Pensando en la Sinfonía

La vida está llena de contrastes: entre que tenemos días movidos y atareados, y otros plenamente aburridos, o entre alegrías y enconos, o entre cientos de otros ejemplos que vienen en parejas, hacemos de los recuerdos de nuestros días redes de contrarios sujetos por la misma experiencia. Nosotros mismos somos así un poco, no podemos evitar que salga de nuestra supuesta congruencia alguna opinión que nos traiciona, o alguna actitud incomprensible; no tenemos carácteres de caricatura cuya única particularidad resaltable pinta todas nuestras acciones de un mismo tono.

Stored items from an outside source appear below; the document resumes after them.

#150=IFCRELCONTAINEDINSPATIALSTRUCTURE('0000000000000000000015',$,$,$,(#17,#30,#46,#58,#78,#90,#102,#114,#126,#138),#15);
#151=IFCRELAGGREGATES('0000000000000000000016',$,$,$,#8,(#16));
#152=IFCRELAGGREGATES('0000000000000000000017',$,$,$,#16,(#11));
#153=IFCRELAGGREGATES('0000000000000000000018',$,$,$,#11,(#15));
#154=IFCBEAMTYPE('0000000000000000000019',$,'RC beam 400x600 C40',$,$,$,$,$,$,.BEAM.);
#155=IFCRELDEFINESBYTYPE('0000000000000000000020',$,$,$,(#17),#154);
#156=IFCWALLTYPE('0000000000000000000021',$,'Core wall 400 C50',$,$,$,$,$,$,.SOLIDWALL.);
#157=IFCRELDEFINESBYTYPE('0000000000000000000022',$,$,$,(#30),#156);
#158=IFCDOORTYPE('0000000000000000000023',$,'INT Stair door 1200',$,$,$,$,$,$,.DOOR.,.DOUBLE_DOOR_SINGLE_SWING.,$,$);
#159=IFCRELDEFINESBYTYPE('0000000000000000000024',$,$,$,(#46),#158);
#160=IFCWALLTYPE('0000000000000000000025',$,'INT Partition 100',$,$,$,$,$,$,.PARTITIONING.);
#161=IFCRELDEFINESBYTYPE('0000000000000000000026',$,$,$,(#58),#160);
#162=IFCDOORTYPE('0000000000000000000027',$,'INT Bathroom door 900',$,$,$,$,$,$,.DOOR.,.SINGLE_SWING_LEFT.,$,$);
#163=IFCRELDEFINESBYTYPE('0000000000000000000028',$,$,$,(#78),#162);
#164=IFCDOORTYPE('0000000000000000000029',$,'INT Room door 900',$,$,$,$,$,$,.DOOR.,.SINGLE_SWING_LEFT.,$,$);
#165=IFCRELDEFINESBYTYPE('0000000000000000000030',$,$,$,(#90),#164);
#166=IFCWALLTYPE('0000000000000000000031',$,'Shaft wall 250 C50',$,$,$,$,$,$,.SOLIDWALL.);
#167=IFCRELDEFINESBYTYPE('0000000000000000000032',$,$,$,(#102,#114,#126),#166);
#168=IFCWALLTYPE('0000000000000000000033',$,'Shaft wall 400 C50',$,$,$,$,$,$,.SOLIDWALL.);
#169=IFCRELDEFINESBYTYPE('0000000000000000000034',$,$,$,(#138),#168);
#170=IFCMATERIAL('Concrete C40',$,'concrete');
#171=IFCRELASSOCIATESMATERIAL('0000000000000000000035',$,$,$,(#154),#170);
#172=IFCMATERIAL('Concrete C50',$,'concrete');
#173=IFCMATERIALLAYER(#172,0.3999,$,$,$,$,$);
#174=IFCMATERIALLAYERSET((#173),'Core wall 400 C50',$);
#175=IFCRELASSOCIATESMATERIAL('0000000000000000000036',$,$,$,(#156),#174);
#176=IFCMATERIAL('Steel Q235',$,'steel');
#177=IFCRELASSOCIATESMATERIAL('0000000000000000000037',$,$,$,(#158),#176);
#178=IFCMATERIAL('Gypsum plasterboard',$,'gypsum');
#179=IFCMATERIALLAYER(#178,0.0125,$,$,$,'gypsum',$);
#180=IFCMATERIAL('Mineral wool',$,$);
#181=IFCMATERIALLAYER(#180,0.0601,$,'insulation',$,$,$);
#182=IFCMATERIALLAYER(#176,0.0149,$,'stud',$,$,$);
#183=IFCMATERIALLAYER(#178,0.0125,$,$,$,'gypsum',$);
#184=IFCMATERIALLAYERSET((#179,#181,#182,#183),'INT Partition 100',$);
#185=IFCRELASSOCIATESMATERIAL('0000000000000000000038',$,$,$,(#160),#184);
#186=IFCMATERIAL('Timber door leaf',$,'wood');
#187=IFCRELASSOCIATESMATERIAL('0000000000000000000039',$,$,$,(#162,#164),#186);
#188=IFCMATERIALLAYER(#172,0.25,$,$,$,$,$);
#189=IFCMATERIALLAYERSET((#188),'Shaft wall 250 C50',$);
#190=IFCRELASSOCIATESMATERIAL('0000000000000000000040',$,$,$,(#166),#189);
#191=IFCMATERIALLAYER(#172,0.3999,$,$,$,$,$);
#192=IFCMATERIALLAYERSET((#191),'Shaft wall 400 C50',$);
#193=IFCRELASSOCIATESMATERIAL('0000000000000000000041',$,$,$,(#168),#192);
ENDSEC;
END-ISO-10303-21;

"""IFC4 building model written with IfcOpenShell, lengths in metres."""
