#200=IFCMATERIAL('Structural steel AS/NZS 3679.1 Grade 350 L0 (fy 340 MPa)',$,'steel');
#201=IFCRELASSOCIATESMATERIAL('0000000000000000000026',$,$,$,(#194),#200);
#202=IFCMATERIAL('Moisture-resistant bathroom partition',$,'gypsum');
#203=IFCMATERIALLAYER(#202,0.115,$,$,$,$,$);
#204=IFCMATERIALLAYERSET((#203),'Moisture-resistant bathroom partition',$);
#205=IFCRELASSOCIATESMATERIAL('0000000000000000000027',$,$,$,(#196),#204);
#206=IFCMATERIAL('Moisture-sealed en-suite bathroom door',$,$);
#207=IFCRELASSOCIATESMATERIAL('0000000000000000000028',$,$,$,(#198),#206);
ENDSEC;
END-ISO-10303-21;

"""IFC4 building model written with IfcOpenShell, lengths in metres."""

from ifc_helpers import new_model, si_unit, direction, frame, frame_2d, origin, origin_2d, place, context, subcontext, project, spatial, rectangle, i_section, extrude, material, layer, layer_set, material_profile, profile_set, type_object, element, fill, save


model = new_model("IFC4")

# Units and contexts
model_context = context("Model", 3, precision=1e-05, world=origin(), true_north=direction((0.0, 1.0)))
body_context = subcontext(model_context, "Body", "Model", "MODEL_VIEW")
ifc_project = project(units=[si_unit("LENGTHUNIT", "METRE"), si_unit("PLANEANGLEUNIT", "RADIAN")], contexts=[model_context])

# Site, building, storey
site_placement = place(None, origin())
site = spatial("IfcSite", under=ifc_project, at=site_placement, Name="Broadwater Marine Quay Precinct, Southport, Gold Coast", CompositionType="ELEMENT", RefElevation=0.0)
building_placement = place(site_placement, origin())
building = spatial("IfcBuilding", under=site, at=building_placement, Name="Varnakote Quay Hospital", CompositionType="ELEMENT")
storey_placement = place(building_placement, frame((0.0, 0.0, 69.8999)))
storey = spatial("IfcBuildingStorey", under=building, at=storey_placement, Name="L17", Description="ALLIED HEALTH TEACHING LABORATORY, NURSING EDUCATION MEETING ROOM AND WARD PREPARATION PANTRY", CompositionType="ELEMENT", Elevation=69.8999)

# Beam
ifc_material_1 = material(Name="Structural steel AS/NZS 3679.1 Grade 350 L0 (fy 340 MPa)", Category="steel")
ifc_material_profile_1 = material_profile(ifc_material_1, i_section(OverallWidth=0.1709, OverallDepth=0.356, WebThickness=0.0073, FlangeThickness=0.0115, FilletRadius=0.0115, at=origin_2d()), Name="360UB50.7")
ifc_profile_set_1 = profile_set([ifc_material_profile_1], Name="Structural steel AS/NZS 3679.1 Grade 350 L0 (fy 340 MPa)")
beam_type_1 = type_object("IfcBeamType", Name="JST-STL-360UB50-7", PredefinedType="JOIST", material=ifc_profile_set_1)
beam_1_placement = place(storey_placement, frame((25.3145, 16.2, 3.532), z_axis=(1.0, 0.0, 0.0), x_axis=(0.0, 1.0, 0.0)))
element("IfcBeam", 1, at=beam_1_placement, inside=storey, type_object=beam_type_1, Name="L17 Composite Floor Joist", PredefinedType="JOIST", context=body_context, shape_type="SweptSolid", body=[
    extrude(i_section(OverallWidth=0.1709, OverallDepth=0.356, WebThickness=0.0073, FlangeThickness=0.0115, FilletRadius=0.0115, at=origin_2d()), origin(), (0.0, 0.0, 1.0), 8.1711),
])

Estas diferencias son fuente constante de imitación en la poesía y el arte en general porque causan gran maravilla cuando nos parece que están bien representadas. La música sería imposible sin nuestra capacidad de atender esos contrastes, para empezar, entre lo errático y lo estático, y para continuar, entre lo breve y lo largo, lo fuerte y lo quedo, lo agudo y lo grave. Toda teoría harmónica se basa en el movimiento que reconocemos en el sonido cuando pasa (de innumerables maneras distintas) del reposo a la tensión y de vuelta, porque nuestros instrumentos musicales nos dan la posibilidad de mezclar en infinitos modos todas estas caras del sonido.

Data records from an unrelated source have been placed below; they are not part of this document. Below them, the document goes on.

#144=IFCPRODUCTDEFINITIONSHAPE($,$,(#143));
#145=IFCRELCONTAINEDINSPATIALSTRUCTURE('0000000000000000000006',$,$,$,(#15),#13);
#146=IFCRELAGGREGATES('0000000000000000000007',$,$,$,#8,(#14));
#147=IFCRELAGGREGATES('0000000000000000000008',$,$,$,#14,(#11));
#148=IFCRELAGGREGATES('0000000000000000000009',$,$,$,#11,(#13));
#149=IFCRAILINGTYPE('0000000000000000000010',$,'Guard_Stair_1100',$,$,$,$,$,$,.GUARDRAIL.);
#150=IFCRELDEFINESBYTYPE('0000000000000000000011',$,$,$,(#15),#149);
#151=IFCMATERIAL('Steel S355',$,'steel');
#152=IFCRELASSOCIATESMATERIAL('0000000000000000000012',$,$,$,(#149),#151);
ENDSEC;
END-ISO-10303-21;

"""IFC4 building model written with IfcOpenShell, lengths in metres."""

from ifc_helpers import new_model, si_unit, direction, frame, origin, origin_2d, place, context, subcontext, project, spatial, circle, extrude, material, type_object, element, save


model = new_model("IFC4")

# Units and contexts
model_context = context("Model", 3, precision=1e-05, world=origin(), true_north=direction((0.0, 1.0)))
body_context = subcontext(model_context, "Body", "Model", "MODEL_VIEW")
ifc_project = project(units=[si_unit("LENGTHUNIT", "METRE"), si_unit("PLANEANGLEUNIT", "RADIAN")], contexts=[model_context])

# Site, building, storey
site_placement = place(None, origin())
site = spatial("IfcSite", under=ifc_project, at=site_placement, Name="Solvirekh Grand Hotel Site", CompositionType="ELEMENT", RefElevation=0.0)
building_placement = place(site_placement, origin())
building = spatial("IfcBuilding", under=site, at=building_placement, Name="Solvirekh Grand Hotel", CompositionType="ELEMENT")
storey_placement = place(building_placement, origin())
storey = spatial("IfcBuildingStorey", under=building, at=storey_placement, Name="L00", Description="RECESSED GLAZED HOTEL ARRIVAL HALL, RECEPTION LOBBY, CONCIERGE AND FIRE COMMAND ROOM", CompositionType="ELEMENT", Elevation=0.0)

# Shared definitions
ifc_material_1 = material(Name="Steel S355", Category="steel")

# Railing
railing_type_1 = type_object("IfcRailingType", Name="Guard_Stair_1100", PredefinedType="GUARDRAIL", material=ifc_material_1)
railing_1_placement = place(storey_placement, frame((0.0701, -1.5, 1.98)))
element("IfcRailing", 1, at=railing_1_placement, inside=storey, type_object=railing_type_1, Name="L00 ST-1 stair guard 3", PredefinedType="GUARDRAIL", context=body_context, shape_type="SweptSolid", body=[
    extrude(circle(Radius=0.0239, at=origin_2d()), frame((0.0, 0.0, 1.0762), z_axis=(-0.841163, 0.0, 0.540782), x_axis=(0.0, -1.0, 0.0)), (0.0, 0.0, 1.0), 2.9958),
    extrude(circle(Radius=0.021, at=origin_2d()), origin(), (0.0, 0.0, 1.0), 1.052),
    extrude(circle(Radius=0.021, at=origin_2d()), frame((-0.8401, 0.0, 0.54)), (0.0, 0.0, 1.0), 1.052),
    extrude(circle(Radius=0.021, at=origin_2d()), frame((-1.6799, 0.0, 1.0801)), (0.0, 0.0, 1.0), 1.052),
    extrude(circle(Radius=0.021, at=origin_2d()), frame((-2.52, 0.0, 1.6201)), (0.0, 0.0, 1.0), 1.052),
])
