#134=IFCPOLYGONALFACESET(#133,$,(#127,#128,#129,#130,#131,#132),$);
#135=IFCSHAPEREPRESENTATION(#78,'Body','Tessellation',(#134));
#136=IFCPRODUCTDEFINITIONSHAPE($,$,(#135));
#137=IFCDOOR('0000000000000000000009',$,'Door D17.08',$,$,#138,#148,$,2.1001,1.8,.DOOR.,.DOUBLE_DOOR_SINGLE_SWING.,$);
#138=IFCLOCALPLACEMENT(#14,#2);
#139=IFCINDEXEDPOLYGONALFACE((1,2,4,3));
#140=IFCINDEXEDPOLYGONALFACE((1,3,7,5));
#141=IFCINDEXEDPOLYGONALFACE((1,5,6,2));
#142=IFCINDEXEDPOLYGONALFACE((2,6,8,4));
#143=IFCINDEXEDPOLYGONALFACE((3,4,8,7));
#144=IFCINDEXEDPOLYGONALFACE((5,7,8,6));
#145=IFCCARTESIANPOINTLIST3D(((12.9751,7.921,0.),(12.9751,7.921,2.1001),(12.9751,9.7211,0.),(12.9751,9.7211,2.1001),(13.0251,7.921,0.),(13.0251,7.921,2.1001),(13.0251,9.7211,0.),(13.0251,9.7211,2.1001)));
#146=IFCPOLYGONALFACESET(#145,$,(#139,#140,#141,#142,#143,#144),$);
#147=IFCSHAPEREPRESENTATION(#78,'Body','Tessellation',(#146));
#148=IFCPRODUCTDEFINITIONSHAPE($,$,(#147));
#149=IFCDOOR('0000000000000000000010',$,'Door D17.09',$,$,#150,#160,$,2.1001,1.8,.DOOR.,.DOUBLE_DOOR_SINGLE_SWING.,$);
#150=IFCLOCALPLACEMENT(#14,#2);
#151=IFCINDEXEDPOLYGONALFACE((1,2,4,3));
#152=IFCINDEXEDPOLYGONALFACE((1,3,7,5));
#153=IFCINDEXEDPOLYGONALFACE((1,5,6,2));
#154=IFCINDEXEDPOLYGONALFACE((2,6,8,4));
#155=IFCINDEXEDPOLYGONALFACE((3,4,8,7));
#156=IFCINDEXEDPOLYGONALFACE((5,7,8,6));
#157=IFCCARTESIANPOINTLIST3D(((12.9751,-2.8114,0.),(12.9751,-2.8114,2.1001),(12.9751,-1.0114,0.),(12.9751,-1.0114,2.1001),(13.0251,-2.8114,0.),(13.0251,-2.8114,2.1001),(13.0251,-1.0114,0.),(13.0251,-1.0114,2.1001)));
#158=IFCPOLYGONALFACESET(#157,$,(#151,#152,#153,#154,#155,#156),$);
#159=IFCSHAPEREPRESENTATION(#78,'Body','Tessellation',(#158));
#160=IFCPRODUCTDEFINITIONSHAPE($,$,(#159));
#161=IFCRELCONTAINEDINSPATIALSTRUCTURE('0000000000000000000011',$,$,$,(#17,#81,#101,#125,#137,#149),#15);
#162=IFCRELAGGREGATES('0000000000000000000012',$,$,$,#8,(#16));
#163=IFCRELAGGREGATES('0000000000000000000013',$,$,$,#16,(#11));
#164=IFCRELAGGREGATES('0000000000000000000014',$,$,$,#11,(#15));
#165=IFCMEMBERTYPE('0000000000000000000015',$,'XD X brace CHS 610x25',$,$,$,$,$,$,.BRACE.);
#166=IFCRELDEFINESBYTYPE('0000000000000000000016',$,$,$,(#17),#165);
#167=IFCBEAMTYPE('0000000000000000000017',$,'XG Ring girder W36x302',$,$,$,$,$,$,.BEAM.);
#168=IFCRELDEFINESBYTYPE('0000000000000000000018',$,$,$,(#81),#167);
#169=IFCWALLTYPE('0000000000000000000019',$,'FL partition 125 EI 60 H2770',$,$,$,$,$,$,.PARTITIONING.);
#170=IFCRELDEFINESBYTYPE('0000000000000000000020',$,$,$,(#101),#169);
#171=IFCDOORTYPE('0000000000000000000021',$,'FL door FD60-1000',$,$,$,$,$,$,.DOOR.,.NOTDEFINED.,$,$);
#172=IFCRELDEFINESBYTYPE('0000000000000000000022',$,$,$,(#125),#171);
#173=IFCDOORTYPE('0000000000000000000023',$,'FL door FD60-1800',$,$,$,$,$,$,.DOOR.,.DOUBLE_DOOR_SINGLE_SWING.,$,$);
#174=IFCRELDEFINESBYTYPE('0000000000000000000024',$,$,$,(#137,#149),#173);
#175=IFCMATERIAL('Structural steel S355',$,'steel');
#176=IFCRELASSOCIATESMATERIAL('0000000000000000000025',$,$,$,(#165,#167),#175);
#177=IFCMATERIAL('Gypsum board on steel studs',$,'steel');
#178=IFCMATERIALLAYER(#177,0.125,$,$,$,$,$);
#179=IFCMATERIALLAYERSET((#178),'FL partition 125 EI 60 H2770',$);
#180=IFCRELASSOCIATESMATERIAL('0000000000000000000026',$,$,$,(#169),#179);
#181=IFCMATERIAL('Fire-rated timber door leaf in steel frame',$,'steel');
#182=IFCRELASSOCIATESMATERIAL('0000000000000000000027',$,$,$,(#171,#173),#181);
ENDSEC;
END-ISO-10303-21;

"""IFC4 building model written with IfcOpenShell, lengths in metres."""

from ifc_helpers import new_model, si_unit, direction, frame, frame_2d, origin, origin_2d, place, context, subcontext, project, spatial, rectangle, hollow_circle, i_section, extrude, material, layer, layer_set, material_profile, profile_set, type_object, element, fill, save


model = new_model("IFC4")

Pensaba hoy por la mañana que la causa de que la que la sinfonía sea probablemente el modo más completo de hacer música es que, de todas las formas, es la que mayormente posibilita que se den todos los contrastes imaginables que le corresponden (digo que le corresponden porque, obviamente, no son de la música las características de otras formas de arte como la pintura o la escultura). No solamente incluye los más numerosos colores entre tantos instrumentos que se agrupan, sino que puede mejor que ninguna otra hacer cualquier cambio: por velocidades no tiene límites más allá de los que los escuchas se permitan; tampoco por tonos, o por texturas, o por motivos, o por cualquier otra cosa. En general, no hay matiz acústico que la sinfonía no pueda producir. Obviamente, hablando sólo de la forma no estoy opinando sobre ninguna pieza en particular ni afirmo que cualquier sinfonía sea mejor que cualquier otra cosa de música en el mundo. Simplemente eso: que por sus posibilidades, es la que más ofrece al compositor.

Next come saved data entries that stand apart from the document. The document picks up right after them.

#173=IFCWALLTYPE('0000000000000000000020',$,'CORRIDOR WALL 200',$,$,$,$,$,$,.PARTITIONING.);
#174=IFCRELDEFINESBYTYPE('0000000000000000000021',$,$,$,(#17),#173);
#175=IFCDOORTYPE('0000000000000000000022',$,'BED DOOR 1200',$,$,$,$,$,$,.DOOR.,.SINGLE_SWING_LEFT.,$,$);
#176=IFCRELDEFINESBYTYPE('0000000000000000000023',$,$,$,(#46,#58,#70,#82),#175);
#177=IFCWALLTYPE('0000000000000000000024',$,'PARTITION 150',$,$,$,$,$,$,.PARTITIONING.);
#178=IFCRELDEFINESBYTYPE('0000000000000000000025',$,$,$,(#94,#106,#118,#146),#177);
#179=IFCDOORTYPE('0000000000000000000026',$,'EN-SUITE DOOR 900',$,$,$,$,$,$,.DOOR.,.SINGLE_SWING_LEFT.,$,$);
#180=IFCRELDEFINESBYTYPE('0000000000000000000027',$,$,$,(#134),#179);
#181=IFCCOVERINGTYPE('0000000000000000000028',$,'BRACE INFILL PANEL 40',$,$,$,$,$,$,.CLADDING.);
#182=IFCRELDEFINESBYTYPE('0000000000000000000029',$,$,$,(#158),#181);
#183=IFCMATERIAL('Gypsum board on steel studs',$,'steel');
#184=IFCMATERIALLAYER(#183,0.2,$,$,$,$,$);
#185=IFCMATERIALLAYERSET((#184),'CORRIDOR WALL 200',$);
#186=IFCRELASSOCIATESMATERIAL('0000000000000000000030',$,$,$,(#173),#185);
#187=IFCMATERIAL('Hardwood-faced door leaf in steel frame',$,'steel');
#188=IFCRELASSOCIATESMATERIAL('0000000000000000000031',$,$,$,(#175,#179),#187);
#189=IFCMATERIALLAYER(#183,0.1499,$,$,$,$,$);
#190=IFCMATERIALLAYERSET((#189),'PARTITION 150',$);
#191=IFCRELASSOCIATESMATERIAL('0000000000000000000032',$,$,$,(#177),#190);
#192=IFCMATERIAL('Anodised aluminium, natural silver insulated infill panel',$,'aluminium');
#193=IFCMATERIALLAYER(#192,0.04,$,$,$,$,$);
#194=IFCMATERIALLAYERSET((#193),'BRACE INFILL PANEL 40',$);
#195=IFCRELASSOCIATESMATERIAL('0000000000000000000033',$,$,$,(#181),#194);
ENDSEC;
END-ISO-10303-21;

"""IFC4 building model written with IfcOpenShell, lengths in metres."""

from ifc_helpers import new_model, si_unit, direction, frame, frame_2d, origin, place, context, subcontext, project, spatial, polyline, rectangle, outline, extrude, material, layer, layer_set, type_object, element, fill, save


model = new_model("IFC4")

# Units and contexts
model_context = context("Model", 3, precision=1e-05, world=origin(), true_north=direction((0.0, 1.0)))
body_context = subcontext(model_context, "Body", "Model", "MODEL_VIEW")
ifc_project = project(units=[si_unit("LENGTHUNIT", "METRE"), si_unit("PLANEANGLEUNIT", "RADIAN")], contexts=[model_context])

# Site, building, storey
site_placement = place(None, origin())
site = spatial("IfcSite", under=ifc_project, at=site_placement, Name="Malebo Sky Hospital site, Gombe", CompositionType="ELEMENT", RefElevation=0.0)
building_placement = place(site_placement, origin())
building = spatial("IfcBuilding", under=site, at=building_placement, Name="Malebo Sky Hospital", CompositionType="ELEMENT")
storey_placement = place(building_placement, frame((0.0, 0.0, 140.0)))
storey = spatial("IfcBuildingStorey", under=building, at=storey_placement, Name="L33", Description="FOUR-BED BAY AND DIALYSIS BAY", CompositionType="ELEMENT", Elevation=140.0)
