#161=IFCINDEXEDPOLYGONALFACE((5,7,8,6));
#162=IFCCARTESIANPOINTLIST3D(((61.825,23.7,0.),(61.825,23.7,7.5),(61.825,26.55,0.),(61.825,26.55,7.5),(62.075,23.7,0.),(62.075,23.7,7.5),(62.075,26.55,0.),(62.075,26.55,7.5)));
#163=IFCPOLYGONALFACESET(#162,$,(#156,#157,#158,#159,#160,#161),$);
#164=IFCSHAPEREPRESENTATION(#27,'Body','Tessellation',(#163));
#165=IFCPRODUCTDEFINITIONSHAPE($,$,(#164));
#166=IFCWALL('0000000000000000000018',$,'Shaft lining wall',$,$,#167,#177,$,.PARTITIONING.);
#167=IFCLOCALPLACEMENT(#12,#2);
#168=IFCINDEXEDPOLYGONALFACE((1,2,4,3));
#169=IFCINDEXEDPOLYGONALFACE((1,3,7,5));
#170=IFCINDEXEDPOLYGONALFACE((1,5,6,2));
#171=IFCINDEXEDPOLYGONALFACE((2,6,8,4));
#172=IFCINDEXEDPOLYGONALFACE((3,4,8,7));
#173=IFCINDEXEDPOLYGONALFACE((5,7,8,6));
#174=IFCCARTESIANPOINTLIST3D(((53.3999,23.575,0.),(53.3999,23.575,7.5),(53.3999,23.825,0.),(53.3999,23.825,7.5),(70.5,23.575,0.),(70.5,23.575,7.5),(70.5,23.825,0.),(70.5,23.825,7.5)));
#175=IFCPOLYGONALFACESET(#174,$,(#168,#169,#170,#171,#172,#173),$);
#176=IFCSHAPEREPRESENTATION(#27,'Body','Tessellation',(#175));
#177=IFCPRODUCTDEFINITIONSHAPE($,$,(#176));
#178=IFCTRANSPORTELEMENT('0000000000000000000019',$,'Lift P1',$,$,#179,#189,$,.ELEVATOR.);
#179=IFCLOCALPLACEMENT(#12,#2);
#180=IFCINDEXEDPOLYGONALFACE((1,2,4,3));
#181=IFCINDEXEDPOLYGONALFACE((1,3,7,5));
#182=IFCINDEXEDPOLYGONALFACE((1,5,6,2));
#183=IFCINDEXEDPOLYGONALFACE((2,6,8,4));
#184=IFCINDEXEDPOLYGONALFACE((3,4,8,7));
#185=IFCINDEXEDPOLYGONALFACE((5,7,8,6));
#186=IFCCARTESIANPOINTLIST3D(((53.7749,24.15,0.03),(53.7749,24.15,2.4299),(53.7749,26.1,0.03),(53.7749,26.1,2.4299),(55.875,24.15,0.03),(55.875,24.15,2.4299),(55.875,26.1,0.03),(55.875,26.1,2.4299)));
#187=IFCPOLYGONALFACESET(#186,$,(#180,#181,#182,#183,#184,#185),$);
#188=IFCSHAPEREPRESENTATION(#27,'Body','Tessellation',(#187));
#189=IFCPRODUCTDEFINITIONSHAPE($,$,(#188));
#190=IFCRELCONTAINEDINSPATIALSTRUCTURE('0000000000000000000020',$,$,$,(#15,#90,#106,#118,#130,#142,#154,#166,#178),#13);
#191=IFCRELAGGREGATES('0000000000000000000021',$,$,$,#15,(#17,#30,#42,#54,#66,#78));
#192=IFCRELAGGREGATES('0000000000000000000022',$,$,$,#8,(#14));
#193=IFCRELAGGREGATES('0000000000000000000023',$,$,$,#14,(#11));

Otra cosa es pensar en la musicalidad de las palabras y su relación con la sinfonía. Confesaré que es ésta la segunda causa que me motivó a pensar en la preeminencia sinfónica: la canción bien podría estar en su máximo esplendor en el poema sinfónico. No todo poema está pensado como canción entre instrumentos, y no toda presentación de la voz tendría por qué ser incluida en una asociación orquestal; pero en cierto modo las mismas razones por las que la obra sinfónica tiene toda la capacidad de hacer lo mejor posible por la música incluirían al canto, en el poema sinfónico (o en algo parecido a él).

Al final, creo que es importante tener claro que en cualquiera de los dos ámbitos, si es verdad lo que aquí especulo como posibilidades para la composición, aún se necesita un talento excelente para hacerlas valer en toda su amplia extensión.

1 comentario

  1. elexpresidente dice:

    Me gusta mucho la analogía entre la variedad de posibilidades y contrastes de la sinfonía, con los del carácter de una persona: la sinfonía, por tener la mayor posibilidad de representar variedades y contrarios, es la más capaz de imitar (siempre de manera limitada) el flujo natural, infinitamente variado, de lo real. Pero al final dices que, «aún se necesita un talento excelente para hacerlas valer en toda su amplia extensión,» y ese «aún» sugiere que la amplitud de sus posibilidades ya le da ciertas ventajas al músico. Creo que, por el contrario, si el músico no es excelente, las variadísimas posibilidades de la sinfonía van a ser sus enemigas, ¿no lo crees? Es decir: la pobreza de un mal músico luce más en la sinfonía que en la sonatina, lo mismo que la excelencia del bueno.